Vera Rubin discovered something that radically changes how we look at our universe, but she'll probably die without the Nobel committee ever recognizing her work. She is, after all, well past normal retirement age, even though she continues to work anyway (born in 1928; you do the math). Besides, astronomers continue to be underrepresented on the Nobel committee.

Think I'm overstating the case? Hardly: this year's Nobel winners in physics were three Japanese guys (one of whom is at U. Chicago) who received the prize for their work in partially explaining symmetry breaking in particle physics, something that's important to understanding the Standard Model of the universe per the Big Bang theory. Symmetry breaking helps explain why there's more matter than antimatter in the universe, which is how the universe is here at all. However, these three guys each worked on a very small part of this larger discussion; and while what they've done is important in the larger scheme of particle physics and cosmology, their work is still a comparatively more minor part of that discussion than, say, discovering and documenting in detail over the last 40 years that the structure of the universe is radically different than anyone thought.

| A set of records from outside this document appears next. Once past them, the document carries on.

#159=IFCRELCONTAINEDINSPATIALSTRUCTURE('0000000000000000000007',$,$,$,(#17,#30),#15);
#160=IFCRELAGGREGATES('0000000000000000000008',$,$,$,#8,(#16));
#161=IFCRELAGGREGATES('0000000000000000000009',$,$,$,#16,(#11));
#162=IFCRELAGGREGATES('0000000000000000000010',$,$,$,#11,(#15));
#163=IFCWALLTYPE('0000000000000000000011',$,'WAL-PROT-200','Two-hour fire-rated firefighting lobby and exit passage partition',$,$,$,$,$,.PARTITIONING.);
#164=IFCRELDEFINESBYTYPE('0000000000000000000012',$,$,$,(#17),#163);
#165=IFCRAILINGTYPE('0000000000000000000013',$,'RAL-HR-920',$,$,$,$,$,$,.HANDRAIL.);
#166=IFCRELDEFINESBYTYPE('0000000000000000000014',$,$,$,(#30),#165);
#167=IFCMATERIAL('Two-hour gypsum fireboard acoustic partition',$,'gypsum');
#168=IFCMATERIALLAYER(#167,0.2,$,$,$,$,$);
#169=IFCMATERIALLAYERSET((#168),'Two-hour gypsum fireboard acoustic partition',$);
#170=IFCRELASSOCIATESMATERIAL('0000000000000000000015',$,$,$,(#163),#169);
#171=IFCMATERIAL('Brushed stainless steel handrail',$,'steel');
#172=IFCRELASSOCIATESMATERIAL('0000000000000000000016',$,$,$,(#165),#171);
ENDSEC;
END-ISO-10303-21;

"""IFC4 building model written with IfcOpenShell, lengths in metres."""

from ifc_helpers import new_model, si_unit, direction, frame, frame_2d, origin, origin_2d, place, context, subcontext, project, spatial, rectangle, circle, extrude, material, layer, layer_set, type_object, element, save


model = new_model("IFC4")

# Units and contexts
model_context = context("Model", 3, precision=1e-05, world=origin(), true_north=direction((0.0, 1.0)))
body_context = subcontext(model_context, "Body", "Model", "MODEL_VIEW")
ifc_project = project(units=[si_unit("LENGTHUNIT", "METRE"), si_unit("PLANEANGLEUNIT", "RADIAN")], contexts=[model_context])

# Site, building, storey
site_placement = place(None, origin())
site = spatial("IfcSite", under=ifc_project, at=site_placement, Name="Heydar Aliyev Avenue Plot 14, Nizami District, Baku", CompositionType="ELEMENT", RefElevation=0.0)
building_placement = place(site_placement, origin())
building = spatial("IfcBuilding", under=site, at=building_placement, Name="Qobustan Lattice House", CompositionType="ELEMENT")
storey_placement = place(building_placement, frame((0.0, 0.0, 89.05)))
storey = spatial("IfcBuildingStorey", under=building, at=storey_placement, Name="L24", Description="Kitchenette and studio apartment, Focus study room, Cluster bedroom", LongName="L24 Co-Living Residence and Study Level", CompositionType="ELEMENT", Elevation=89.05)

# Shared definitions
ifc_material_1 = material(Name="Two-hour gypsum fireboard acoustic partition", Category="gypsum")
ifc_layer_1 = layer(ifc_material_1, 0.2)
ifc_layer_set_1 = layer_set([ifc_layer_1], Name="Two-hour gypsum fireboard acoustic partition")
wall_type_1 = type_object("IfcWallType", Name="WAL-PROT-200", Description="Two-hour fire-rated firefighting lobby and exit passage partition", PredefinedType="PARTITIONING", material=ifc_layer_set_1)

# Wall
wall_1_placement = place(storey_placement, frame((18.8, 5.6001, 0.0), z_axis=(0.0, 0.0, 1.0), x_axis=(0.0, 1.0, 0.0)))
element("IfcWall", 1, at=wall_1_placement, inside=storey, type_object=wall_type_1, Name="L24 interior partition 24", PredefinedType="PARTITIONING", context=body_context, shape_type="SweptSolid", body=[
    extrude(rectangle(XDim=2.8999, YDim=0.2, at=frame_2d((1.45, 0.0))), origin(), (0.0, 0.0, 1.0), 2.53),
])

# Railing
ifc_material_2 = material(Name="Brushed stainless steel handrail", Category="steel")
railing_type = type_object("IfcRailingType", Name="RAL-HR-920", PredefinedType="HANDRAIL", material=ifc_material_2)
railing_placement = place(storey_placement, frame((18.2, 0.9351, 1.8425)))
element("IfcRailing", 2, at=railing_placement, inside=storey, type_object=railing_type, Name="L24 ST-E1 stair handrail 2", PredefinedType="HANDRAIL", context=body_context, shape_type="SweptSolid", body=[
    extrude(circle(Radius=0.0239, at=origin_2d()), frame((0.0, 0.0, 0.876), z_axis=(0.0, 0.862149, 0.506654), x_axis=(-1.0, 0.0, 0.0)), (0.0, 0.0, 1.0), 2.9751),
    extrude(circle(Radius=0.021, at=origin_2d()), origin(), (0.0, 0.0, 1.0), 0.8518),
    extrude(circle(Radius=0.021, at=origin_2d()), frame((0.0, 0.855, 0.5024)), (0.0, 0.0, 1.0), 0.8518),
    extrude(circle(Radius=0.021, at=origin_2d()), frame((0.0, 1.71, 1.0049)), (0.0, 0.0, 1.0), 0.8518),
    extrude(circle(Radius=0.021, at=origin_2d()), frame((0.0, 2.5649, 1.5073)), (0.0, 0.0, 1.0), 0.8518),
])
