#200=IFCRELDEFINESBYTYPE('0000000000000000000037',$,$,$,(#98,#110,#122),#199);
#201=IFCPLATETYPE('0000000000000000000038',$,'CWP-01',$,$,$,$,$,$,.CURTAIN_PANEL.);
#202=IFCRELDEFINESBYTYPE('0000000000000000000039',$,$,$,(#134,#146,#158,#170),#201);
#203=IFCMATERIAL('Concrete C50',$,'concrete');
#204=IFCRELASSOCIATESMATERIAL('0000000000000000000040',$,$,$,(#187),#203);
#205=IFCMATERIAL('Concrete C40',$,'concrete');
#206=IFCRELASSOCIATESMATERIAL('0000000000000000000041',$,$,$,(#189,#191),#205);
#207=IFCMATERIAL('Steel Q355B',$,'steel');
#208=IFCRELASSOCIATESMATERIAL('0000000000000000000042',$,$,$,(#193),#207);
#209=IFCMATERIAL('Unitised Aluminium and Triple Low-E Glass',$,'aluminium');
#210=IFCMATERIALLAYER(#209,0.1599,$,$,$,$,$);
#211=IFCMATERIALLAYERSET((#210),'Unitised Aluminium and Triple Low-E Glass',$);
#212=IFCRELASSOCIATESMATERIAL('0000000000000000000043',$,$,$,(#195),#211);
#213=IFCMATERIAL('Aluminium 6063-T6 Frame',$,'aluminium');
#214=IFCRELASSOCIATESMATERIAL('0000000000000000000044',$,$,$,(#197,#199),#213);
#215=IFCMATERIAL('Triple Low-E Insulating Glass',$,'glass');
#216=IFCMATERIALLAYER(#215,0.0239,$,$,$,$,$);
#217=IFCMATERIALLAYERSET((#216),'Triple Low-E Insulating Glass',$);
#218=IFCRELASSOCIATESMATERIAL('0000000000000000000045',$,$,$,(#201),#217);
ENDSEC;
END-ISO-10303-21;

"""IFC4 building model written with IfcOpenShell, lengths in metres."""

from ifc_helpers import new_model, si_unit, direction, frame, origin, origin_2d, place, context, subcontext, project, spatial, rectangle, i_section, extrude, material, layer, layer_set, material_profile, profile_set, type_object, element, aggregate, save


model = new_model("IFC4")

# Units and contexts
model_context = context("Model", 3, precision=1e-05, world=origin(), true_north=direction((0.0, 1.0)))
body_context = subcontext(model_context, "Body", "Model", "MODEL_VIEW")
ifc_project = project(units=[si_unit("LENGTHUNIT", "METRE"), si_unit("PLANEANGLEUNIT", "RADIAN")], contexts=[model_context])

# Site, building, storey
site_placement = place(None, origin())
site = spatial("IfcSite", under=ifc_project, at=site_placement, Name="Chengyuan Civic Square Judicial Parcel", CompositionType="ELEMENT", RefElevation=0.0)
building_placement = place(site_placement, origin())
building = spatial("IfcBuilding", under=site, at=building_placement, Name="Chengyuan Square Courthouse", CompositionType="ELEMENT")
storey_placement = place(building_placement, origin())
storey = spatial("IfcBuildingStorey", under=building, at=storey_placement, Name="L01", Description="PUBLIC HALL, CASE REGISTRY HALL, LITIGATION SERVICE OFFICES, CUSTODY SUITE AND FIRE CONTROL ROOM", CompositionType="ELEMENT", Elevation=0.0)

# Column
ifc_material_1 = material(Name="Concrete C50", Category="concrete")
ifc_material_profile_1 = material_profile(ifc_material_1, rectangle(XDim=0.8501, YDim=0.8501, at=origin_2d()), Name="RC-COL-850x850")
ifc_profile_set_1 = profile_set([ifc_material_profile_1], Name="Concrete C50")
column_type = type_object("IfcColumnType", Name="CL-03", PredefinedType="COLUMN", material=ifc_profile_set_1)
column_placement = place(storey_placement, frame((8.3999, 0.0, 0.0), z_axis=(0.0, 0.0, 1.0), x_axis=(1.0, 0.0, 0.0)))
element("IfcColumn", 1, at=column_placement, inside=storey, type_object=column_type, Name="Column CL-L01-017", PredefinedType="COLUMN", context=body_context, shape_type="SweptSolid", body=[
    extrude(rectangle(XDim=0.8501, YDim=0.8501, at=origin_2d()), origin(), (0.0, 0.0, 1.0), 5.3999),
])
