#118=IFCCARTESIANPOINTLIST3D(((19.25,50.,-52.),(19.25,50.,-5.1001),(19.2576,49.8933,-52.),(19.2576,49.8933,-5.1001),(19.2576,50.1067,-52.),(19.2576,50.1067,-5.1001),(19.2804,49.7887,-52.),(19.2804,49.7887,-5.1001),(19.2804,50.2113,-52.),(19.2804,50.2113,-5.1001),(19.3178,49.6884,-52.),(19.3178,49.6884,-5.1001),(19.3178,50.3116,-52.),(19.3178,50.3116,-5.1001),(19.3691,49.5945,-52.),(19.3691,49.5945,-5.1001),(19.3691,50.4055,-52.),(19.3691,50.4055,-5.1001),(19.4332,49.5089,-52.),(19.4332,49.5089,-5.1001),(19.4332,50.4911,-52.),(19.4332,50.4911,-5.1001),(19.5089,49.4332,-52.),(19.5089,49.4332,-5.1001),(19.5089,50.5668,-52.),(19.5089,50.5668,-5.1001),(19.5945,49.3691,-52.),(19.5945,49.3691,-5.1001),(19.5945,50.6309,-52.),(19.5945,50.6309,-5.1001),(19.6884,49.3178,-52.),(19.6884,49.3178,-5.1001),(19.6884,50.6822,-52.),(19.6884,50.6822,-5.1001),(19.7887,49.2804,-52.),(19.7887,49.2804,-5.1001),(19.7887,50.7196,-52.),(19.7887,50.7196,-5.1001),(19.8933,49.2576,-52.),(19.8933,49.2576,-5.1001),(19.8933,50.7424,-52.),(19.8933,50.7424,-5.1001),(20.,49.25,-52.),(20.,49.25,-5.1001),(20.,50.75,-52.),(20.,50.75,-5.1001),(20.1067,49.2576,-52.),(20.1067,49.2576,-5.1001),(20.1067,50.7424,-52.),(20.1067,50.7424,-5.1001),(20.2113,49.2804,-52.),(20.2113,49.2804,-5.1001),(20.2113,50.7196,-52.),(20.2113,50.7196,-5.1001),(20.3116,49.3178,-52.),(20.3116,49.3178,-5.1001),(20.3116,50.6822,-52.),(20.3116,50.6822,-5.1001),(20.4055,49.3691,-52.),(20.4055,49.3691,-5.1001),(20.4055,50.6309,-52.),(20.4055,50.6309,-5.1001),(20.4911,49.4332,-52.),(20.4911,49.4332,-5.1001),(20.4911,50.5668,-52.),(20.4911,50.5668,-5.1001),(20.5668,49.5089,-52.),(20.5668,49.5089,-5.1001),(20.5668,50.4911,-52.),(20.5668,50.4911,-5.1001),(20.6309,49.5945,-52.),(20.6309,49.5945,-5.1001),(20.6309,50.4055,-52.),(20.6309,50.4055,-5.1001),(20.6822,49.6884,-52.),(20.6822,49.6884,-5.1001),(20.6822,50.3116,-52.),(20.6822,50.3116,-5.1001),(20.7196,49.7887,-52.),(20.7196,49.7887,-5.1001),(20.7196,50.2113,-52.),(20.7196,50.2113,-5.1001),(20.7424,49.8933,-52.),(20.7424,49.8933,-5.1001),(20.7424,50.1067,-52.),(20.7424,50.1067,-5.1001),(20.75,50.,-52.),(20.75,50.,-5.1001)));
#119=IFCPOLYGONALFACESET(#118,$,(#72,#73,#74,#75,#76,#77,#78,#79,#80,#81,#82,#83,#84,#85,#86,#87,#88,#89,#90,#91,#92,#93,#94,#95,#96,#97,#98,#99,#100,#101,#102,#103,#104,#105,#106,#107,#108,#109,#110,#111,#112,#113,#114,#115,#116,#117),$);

So why does the Nobel prize committee, among others, continue to ignore Vera Rubin? Well, first, the odds are stacked against women. No, really. Academia is still far more blatantly sexist than a lot of other areas of society (the American Association of University Women can tell you all about that, but I digress). Only two women have ever won a Nobel prize in physics, and only a handful have won Nobels in other disciplines. The first woman to receive a Nobel in physics was Marie Curie in 1903, who won it together with her husband, Pierre, for their work on radiation; the other, U.S. physicist Maria Goeppert-Mayer, shared the 1963 Nobel in physics with Eugene Wigner and Hans Jensen for her discoveries in describing nuclear shell structure (she developed a theory of the structure of the nucleus of the atom while she was at University of Chicago and Argonne National Labs from 1946-60).

Second, only 11 astronomers and astrophysicists of a total 185 recipients have received the Nobel prize in physics; the prize is tilted very heavily in favor of physicists, and there is no separate Nobel for astronomy. The last astronomers to win a Nobel prize were George Smoot and John Mather in 2006 for their work with the COBE (Cosmic Background Explorer) satellite, starting in November 1989, in documenting variations in the cosmic microwave background — the background temperature of the universe that is the leftover heat signature or 'footprint' of the Big Bang (part of the reason their results were as publicized as they were is that Smoot broke with tradition and gave their results to the press before those results had actually been published; academia was furious about that for a while, but even Mather now concedes that the resulting publicity was very useful).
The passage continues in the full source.